Apakah konteks historis dari pendapat-pendapat ulama itu juga dibahas?

Kalau untuk fatwa memang jawabannya singkat padat. Fatwa di manapun jawaban dipaparkan secara ringkas, bukan uraian kajian buku atau kitab. Kalau soal berdasarkan istidlal dan istinbath itu sudah pasti. Makanya yang mengerti fatwa itu hanya orang-orang yang benar-benar menguasai proses istinbatul hukmi; dari proses istidlal, istinbath, sampai ke tarjih (pemilihan pendapat yang terkuat). Kalau pihak akademisi mengritik berarti mereka baru kenal Islam.

Kalau soal sejarah dan konteks, sejauhmana petingnya dalam pengambilan hukum?

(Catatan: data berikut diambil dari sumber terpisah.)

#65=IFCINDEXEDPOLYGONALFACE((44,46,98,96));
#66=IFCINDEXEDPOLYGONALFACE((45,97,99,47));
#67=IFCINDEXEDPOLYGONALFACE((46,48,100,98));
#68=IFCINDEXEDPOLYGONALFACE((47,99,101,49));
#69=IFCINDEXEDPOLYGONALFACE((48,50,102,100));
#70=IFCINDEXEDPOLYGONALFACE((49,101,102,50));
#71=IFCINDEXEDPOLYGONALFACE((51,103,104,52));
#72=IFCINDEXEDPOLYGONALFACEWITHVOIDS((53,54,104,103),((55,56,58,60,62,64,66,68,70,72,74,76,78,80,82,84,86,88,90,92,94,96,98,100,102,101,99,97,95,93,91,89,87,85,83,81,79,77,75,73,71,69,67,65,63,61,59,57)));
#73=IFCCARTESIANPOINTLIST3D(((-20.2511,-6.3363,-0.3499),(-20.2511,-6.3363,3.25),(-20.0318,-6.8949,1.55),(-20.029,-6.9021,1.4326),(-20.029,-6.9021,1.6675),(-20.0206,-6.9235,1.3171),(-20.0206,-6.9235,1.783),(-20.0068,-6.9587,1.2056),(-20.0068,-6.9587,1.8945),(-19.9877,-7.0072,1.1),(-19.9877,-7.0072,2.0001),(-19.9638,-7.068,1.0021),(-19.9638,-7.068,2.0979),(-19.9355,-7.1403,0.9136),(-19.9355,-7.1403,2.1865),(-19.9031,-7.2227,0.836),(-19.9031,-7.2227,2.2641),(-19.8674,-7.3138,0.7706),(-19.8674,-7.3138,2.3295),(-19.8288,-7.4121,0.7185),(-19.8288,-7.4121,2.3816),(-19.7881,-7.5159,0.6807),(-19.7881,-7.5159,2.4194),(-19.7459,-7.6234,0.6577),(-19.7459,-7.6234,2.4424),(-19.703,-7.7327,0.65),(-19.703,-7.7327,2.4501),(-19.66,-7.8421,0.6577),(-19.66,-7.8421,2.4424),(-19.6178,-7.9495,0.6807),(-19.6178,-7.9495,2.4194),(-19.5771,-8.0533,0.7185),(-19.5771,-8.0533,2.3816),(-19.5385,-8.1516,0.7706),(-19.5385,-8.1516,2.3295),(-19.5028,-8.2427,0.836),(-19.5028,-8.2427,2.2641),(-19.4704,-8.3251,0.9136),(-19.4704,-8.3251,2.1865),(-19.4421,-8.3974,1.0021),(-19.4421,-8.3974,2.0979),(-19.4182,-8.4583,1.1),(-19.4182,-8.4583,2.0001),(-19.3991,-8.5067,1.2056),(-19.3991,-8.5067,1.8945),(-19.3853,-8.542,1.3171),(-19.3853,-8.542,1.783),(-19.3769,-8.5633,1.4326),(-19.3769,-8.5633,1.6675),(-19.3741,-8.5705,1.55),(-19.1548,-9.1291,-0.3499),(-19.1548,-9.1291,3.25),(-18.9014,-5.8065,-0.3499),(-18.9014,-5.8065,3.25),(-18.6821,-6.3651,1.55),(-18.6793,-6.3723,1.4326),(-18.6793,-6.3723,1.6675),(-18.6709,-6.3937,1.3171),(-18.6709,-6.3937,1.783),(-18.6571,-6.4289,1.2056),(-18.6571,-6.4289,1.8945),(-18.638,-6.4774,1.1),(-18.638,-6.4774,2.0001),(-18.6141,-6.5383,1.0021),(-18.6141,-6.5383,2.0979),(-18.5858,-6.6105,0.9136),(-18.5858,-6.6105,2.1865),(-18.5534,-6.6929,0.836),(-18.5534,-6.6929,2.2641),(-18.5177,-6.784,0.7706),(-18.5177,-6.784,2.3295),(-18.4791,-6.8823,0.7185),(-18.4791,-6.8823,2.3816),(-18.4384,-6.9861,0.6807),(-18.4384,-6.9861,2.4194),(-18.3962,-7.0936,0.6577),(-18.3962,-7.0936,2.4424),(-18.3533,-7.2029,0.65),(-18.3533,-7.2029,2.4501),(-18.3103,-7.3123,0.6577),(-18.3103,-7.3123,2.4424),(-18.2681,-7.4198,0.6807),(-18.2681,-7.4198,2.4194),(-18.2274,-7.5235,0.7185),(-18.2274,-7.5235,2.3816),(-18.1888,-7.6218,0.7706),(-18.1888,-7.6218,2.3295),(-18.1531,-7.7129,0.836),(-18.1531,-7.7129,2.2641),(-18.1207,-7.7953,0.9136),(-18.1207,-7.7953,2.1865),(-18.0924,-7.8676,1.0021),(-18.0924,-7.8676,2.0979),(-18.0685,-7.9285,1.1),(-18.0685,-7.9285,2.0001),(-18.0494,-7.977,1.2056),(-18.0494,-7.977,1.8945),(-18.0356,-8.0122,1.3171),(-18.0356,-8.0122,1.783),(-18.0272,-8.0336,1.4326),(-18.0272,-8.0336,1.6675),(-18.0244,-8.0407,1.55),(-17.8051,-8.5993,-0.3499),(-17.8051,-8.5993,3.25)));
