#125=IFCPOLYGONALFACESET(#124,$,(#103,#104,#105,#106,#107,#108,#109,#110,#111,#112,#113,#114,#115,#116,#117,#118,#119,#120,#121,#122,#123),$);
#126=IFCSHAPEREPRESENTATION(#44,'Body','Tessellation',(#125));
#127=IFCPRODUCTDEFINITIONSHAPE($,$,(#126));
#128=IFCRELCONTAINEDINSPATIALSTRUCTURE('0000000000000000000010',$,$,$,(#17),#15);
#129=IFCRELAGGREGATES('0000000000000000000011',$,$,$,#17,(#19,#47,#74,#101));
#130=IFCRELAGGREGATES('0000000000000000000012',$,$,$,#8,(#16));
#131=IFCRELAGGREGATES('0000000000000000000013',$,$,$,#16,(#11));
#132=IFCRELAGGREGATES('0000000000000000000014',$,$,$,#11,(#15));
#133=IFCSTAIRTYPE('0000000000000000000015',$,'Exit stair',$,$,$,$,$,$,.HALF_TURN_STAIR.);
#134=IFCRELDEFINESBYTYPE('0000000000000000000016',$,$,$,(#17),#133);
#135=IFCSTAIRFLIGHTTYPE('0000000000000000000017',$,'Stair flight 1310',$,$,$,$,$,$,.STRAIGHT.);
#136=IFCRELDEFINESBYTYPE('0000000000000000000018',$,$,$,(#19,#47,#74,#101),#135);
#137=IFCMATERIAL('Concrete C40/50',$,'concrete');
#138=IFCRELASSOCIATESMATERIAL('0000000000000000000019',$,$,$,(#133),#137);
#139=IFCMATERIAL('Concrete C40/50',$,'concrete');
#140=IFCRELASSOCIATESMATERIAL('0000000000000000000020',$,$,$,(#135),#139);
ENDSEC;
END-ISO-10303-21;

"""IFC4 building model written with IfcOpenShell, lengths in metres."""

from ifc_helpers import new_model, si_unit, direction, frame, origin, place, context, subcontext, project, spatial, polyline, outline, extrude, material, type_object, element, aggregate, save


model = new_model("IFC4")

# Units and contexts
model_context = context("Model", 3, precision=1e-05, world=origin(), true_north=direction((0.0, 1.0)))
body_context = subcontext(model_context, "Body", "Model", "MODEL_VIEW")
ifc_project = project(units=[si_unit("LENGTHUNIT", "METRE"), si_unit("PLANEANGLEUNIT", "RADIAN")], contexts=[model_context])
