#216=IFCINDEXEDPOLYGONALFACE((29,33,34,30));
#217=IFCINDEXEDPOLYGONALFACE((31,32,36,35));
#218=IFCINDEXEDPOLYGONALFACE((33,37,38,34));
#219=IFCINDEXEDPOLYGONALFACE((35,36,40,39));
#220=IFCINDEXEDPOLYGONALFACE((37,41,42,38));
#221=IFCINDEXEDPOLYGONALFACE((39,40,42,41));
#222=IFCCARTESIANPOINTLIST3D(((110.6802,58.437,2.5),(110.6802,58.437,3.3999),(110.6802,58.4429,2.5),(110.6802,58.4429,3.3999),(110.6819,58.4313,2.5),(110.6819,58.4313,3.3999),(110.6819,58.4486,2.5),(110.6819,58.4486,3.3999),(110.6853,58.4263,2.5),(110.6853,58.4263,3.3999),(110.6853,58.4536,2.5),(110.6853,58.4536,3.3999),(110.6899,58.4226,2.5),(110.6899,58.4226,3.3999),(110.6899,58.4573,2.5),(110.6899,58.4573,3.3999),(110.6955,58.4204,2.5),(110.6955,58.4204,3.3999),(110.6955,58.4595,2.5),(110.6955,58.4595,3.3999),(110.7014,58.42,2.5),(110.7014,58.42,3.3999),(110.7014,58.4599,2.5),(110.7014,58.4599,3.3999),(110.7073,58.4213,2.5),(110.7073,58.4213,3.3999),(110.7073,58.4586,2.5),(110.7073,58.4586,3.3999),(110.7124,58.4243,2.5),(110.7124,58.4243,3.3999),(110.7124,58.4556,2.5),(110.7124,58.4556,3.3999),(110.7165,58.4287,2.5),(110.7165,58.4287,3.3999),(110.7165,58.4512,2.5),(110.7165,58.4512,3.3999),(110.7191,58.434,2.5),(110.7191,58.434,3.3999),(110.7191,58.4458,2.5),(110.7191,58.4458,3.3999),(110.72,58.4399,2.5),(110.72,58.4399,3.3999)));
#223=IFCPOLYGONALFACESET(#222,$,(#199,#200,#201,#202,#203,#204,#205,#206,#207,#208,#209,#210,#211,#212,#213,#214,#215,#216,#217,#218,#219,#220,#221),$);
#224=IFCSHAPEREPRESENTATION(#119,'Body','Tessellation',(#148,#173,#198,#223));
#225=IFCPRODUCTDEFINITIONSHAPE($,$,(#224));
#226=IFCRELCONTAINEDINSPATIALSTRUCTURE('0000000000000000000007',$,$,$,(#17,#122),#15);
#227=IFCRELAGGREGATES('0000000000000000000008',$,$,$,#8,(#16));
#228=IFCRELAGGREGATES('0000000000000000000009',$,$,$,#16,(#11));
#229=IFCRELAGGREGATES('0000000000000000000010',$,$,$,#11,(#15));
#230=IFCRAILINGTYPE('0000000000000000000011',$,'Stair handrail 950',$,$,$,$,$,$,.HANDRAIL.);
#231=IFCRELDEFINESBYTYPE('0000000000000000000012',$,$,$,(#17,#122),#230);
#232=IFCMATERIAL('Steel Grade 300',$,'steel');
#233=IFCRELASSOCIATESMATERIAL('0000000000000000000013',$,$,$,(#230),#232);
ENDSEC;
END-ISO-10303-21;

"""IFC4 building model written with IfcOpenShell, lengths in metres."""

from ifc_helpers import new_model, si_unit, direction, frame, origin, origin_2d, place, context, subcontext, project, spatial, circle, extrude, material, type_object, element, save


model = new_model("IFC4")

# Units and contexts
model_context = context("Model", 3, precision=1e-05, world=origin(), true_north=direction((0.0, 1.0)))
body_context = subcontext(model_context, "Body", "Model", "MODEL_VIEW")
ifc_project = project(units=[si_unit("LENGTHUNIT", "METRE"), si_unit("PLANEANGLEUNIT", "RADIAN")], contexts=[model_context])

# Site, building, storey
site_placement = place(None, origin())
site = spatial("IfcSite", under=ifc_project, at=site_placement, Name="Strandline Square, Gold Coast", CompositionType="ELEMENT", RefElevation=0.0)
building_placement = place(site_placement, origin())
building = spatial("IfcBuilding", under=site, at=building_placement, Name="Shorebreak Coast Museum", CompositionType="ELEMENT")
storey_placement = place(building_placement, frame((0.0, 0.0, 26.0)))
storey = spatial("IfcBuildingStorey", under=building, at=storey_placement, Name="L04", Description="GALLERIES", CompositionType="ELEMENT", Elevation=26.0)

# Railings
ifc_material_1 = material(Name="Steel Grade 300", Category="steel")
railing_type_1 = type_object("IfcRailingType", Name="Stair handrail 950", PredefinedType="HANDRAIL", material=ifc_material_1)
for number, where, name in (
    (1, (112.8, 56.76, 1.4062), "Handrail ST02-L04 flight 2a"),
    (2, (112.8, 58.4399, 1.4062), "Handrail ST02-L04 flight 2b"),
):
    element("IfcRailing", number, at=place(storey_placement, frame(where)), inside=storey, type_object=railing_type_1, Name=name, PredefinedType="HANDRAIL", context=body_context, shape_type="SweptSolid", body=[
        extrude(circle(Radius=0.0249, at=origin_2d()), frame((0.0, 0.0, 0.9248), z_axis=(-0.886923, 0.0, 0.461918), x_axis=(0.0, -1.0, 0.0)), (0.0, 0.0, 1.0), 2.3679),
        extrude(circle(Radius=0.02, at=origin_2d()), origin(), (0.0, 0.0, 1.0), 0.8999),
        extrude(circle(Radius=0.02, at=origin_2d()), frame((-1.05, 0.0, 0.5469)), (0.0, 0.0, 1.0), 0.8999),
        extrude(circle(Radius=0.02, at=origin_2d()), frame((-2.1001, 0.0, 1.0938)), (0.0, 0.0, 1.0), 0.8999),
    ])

Sejarah itu sebagai sababun nuzul saja. Sebab turunnya suatu dalil. Itu kan tidak mutlak jadi putusan hukum. Sebab hukum itu lebih luas, sementara sababun nuzul itu sifatnya khusus. Makanya ada pernyataan al-‘ibrah bi umumil lafdh la bi khususis sabab (hukum mengacu pada teks, bukan konteks). Itu kaidah ushul fiqh. Jadi yang dipandang itu dalalah. Dalil secara umum, bukan sebab yang lebih khusus itu.

Suatu contoh, ketika di antara para shahabat bertanya tentang air laut, suci apa nggak? sementara air tawar tidak ditemukan. Nah, Rasulullah menyatakan, at-thuhur ma’uhu. Artinya, suci airnya (air laut). Rasulullah saat ditanya itu kan dalam kondisi tidak ditemukannya air tawar, tapi itu bukan berarti kita hanya boleh menggunakan air laut. Bukan begitu. Meskipun ada air tawar, air laut juga suci. Lha, itu artinya al-‘ibrah bi umumil lafdh la bi khususis sabab.

Kalau pentingnya konteks kekinian dalam proses penetapan hukum?

Oh, itu hal biasa. Konteks kekinian tetap menjadi pertimbangan. Tapi harus dipilah tentang aspek-aspek hukumnya. Masalikul ‘illat-nya atau reason of law-nya. Jadi tidak konteks itu dibawa secara utuh. Keterlibatan konteks itu pasti, karena justru yang dijawab itu kan persoalan konteks. Substansi persoalnnya kan konteks itu. Tapi tidak serta-merta mengambil unsur ‘illat (alasan) hukum. ‘Illat hukum dalam konteks itu kan banyak sekali. ‘Illat hukum itulah nanti yang akan dibahas. Maksudnya, apakah mengandung mashlahah (kebaikan/kemanfaatan) atau mafsadah (kerusakan/mudarat), ada landasan hukumnya atau tidak, dan sebagainya. Jadi kajian hukum itu sangat general. Jadi tidak bisa dipahami dari secara tekstual dari al-Qur’an dan as-Sunnah, tapi harus diuji dulu bagaimana istidlal. Pembahasan istidlal nanti mengarah pada bagaimana wajhud dalalah-nya (aspek dalil), dikaji dari segi istinbath-nya. Putusan hukum yang didasari dengan ‘illat.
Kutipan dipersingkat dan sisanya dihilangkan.